The KZG acronym stands for Kate, Zaverucha, and Goldberg, the three cryptographers—Aniket Kate, Gregory M. Zaverucha, and Ian Goldberg—who first formalized the scheme in their seminal 2010 paper, 'Constant-Size Commitments to Polynomials and Their Applications'. This naming convention is common in cryptography, where fundamental constructions are often eponymously linked to their inventors, such as RSA (Rivest–Shamir–Adleman) or ECDSA (Elliptic Curve Digital Signature Algorithm). The second part of the term, Polynomial Commitment, precisely describes the scheme's function: a cryptographic commitment to a polynomial where the prover can later reveal evaluations of the polynomial at specific points, with proofs that are verified against the original, fixed commitment.

The intellectual origin of KZG commitments lies in the intersection of cryptographic commitment schemes and algebraic error-correcting codes. It builds upon earlier work in pairing-based cryptography and the use of bilinear maps (pairings) over elliptic curve groups. The key breakthrough was constructing a constant-sized commitment—a single group element—to a potentially very large polynomial, enabling efficient verification of evaluations without requiring the verifier to know the polynomial's full coefficients. This was a significant advancement over simpler commitment schemes like Merkle trees, which would produce proof sizes logarithmic in the polynomial's degree.

The development of KZG was initially motivated by applications in verifiable secret sharing and secure multiparty computation. However, its adoption exploded decades later within the blockchain ecosystem, particularly as the foundational cryptographic engine for Ethereum's proto-danksharding (EIP-4844) and Layer 2 scaling solutions. Its properties of constant-sized proofs and efficient batch verification made it uniquely suited for scaling blockchain data availability and constructing succinct non-interactive arguments of knowledge (SNARKs), cementing its status as a cornerstone of modern cryptographic engineering in decentralized systems.

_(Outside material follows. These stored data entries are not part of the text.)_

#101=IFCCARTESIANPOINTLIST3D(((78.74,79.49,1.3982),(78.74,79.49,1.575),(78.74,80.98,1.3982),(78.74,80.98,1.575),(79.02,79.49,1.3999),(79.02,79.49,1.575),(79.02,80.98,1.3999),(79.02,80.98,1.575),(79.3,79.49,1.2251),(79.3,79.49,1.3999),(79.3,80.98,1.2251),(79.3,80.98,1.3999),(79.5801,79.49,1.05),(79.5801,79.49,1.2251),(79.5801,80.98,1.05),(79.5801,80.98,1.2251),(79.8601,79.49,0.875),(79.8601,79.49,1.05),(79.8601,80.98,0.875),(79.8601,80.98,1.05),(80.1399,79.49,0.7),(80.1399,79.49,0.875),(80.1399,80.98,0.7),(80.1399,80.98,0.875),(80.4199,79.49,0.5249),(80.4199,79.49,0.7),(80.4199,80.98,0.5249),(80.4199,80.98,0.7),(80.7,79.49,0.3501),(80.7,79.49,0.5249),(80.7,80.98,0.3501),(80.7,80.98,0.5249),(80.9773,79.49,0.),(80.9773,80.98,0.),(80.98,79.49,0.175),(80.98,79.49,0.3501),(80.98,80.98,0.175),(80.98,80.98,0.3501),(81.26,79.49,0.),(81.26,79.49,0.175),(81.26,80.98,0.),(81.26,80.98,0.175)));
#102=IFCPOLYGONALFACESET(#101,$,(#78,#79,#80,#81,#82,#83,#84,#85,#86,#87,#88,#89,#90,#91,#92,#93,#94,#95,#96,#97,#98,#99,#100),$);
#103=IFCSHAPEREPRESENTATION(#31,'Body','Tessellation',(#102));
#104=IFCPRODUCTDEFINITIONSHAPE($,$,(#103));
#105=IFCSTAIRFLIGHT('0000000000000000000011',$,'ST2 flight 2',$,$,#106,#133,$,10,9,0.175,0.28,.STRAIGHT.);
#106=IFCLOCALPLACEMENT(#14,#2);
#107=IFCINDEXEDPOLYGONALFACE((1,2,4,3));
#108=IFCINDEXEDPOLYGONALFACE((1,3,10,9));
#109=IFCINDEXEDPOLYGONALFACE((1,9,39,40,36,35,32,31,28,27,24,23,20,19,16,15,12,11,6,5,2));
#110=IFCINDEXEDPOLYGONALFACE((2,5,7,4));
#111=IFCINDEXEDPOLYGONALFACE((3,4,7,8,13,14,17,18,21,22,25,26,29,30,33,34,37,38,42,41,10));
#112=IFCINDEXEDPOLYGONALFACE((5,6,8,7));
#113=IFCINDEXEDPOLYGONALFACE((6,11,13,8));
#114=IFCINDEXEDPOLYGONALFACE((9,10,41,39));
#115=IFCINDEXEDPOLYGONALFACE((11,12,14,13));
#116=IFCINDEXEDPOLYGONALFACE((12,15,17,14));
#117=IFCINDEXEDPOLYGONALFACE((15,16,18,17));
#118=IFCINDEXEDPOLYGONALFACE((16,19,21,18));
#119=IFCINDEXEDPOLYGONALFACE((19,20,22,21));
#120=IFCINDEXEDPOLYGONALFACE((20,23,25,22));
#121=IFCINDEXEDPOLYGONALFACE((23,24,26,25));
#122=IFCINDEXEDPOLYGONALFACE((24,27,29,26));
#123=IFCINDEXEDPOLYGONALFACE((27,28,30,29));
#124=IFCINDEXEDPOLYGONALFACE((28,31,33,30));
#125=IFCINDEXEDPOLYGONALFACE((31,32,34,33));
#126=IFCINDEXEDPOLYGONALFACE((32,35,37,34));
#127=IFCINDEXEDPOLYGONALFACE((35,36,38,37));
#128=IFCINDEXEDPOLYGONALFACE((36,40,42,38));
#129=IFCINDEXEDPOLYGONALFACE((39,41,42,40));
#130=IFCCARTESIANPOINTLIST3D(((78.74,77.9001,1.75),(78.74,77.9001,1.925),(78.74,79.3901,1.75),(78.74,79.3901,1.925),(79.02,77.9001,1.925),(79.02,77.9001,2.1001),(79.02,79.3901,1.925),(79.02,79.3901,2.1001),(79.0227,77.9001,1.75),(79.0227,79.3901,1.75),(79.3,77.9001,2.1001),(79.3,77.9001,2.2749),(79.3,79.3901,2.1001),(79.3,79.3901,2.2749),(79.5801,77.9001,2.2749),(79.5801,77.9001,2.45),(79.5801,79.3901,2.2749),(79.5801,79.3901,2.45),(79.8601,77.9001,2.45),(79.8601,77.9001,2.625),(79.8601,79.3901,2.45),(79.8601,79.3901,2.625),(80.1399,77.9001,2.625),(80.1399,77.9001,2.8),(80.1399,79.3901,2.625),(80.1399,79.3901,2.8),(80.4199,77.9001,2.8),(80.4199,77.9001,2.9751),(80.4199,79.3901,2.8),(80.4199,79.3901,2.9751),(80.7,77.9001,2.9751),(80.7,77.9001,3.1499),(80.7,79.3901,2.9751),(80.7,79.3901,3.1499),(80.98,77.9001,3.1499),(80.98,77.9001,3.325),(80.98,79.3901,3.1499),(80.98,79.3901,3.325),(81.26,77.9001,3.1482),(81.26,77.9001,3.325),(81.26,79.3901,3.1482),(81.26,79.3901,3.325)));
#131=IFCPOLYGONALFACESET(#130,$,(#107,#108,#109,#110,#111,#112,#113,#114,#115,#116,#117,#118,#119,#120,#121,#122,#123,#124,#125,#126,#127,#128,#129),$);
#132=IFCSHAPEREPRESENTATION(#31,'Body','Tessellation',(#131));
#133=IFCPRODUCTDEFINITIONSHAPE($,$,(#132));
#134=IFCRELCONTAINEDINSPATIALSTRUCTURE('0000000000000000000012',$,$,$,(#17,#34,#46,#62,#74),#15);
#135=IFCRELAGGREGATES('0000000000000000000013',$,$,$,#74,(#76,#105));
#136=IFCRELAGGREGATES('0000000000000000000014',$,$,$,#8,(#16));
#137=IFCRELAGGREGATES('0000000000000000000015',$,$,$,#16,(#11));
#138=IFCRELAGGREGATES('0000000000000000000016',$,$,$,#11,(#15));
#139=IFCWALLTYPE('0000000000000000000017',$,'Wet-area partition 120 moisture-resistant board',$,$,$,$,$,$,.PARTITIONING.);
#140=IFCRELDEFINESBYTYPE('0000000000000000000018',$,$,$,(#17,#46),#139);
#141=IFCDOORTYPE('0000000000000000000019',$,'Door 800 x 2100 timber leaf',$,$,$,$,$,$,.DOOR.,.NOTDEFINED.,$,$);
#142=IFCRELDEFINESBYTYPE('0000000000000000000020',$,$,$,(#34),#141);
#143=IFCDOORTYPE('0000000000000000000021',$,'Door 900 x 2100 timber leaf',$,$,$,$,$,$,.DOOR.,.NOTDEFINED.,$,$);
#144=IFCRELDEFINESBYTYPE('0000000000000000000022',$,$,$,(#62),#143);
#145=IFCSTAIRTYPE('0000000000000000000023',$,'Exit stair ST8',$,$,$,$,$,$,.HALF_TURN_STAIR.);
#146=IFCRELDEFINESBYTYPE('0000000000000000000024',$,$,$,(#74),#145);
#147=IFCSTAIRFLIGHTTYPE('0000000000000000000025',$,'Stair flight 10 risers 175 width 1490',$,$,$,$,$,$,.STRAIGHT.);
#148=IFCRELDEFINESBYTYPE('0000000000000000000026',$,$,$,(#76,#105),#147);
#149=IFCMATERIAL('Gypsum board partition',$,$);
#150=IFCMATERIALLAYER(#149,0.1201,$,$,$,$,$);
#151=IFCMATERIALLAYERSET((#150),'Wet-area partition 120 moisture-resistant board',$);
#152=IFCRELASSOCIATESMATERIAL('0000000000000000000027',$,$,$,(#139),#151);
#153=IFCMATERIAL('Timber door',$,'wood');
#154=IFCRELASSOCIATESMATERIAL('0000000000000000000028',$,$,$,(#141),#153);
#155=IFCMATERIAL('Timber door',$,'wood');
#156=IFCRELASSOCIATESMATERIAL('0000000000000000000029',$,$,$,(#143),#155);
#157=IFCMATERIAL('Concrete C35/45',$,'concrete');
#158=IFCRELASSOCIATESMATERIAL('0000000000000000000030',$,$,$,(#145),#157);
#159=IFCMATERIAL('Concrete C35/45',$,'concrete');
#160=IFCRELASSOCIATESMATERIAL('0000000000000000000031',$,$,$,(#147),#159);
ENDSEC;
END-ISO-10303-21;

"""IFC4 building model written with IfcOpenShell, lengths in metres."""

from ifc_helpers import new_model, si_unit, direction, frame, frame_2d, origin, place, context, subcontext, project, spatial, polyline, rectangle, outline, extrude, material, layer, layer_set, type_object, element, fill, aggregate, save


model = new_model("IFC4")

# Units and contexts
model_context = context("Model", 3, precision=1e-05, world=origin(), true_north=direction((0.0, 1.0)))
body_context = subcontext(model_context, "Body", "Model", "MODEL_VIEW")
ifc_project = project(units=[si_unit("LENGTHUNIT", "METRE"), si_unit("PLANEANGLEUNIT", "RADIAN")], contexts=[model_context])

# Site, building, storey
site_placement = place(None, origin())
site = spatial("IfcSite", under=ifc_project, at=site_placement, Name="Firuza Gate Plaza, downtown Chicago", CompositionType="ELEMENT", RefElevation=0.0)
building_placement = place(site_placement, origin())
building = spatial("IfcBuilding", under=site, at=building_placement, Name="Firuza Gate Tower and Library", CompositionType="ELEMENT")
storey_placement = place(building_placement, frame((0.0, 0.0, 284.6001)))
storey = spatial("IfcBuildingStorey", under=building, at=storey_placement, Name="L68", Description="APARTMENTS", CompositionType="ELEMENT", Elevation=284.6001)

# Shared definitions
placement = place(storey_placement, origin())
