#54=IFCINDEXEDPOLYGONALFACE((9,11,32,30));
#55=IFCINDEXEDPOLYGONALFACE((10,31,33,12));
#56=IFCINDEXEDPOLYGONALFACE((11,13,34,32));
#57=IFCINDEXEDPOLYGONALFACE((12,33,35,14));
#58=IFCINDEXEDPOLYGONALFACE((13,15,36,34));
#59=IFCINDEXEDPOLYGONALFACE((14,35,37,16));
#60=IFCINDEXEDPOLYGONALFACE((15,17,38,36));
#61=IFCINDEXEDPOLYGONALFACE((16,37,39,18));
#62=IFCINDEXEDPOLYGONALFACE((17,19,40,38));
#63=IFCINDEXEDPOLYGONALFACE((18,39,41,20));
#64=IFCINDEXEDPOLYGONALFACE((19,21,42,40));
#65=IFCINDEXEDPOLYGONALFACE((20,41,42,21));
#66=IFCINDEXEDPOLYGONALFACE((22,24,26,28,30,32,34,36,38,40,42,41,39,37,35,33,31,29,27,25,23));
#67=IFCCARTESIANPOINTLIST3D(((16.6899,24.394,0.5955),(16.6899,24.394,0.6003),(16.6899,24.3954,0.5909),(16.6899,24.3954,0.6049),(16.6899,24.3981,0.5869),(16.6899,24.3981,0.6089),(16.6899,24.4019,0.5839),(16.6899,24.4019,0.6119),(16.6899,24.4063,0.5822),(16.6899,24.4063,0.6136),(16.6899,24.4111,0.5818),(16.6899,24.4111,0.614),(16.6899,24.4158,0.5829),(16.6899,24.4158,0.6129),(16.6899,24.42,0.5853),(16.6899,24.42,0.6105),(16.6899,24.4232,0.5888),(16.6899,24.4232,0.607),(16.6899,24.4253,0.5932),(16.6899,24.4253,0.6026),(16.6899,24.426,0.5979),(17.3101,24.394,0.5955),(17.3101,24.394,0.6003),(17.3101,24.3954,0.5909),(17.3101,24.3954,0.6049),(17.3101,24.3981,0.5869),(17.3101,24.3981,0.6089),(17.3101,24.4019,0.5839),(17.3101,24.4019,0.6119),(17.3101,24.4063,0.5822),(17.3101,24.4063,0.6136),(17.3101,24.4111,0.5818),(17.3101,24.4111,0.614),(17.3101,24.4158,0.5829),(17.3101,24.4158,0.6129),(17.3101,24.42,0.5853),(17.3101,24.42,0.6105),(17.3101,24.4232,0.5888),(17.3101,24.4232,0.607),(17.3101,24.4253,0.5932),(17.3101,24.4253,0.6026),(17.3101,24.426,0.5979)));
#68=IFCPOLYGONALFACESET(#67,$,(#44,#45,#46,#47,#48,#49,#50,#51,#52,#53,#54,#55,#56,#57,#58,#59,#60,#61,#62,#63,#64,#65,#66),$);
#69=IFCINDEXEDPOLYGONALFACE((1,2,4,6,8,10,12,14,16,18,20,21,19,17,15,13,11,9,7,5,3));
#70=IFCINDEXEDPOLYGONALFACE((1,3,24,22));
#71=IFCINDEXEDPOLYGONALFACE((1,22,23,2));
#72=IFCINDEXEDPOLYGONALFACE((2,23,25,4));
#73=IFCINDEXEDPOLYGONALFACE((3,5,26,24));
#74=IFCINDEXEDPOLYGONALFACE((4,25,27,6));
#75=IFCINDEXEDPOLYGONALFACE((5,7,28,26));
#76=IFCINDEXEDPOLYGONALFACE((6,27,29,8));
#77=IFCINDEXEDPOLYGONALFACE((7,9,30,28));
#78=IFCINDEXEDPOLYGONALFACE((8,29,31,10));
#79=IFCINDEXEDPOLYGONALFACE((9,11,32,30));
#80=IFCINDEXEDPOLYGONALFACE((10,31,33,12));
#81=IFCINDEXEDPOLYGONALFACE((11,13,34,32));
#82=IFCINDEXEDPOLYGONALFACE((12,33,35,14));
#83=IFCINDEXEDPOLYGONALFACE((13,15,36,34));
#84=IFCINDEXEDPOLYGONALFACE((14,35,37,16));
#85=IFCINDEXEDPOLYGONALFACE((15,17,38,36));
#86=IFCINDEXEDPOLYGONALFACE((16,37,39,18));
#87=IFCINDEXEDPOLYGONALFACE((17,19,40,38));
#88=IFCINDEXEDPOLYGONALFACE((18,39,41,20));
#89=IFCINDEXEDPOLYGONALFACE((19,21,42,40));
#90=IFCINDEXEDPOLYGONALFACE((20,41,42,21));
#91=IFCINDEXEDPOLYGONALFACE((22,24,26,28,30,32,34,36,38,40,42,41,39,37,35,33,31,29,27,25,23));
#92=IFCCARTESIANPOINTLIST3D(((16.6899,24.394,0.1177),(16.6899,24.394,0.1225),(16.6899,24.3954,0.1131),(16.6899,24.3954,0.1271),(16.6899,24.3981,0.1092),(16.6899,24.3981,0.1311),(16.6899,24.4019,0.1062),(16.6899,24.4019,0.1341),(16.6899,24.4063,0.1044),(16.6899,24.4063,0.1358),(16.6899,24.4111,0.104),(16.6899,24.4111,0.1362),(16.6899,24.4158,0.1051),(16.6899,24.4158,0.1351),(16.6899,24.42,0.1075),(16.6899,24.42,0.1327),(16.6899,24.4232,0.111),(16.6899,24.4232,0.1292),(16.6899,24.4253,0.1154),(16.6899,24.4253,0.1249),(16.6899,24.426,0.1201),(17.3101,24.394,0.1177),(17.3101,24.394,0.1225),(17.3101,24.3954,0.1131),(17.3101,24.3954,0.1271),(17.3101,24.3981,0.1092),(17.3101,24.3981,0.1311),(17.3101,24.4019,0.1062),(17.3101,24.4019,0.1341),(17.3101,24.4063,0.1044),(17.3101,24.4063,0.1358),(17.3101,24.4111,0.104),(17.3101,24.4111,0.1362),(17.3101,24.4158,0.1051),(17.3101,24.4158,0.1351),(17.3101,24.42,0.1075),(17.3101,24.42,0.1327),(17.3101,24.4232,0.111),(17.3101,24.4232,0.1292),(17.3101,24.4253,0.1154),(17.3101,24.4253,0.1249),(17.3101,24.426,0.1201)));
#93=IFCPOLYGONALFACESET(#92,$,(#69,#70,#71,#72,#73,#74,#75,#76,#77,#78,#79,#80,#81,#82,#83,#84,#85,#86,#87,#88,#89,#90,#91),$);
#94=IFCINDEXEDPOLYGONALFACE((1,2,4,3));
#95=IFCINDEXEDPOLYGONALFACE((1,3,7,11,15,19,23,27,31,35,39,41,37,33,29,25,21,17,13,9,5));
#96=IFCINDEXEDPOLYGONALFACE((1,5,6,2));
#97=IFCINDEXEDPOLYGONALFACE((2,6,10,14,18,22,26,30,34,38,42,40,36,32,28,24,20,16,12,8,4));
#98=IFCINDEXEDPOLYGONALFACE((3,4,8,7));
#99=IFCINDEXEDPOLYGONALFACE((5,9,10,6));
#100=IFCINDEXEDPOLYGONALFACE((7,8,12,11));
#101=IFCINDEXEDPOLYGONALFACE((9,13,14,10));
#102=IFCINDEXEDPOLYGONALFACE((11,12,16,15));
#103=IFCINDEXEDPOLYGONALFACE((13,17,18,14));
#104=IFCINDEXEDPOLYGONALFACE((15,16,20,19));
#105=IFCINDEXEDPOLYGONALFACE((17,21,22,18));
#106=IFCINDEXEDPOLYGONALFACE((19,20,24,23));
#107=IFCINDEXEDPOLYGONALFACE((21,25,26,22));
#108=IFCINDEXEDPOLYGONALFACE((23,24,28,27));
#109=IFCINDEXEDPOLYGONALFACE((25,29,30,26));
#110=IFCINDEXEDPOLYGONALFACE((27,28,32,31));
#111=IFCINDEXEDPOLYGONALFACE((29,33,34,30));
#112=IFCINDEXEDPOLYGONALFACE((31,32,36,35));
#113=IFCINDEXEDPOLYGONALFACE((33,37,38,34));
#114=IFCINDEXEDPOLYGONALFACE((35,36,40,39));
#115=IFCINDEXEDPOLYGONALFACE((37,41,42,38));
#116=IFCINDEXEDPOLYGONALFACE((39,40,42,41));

A KZG polynomial commitment (named for its creators Kate, Zaverucha, and Goldberg) is a cryptographic scheme that allows a prover to commit to a polynomial and later generate a short, constant-sized proof that the polynomial evaluates to a specific value at a given point, without revealing the polynomial itself. This commitment acts as a succinct cryptographic fingerprint of the polynomial data. The scheme is binding, meaning the prover cannot later claim a different polynomial was committed, and hiding, meaning the commitment reveals no information about the polynomial's coefficients.

The scheme's power lies in its use of pairing-friendly elliptic curves and a trusted setup that generates a structured reference string (SRS). To commit to a polynomial f(x), the prover evaluates it within the exponent of an elliptic curve group using the SRS, producing the commitment C = g^{f(τ)}, where τ is a secret value discarded after the setup. To later prove that f(z) = y for a point z, the prover constructs a quotient polynomial q(x) = (f(x) - y) / (x - z) and provides an evaluation proof π = g^{q(τ)}. A verifier can check this proof using a single elliptic curve pairing operation, which is computationally efficient.

KZG commitments are deterministic and provide perfect completeness and computational soundness under cryptographic assumptions. Their key properties—constant-sized proofs and constant-time verification—make them ideal for scaling blockchains. For example, in data availability sampling, a node can verify that a specific piece of data belongs to a larger committed data block by checking a single KZG proof, without downloading the entire block. This is a cornerstone of Ethereum's proto-danksharding (EIP-4844) architecture.

The primary trade-off is the requirement for a trusted setup ceremony, where the secret τ must be generated and securely discarded. If compromised, an attacker could create fraudulent proofs. However, ceremonies like Perpetual Powers of Tau aim to mitigate this risk through multi-party computation. Alternatives like FRI (Fast Reed-Solomon IOP of Proximity) do not require trust but have larger proof sizes. KZG's balance of proof size and verification speed has made it the preferred choice for modern succinct cryptographic systems.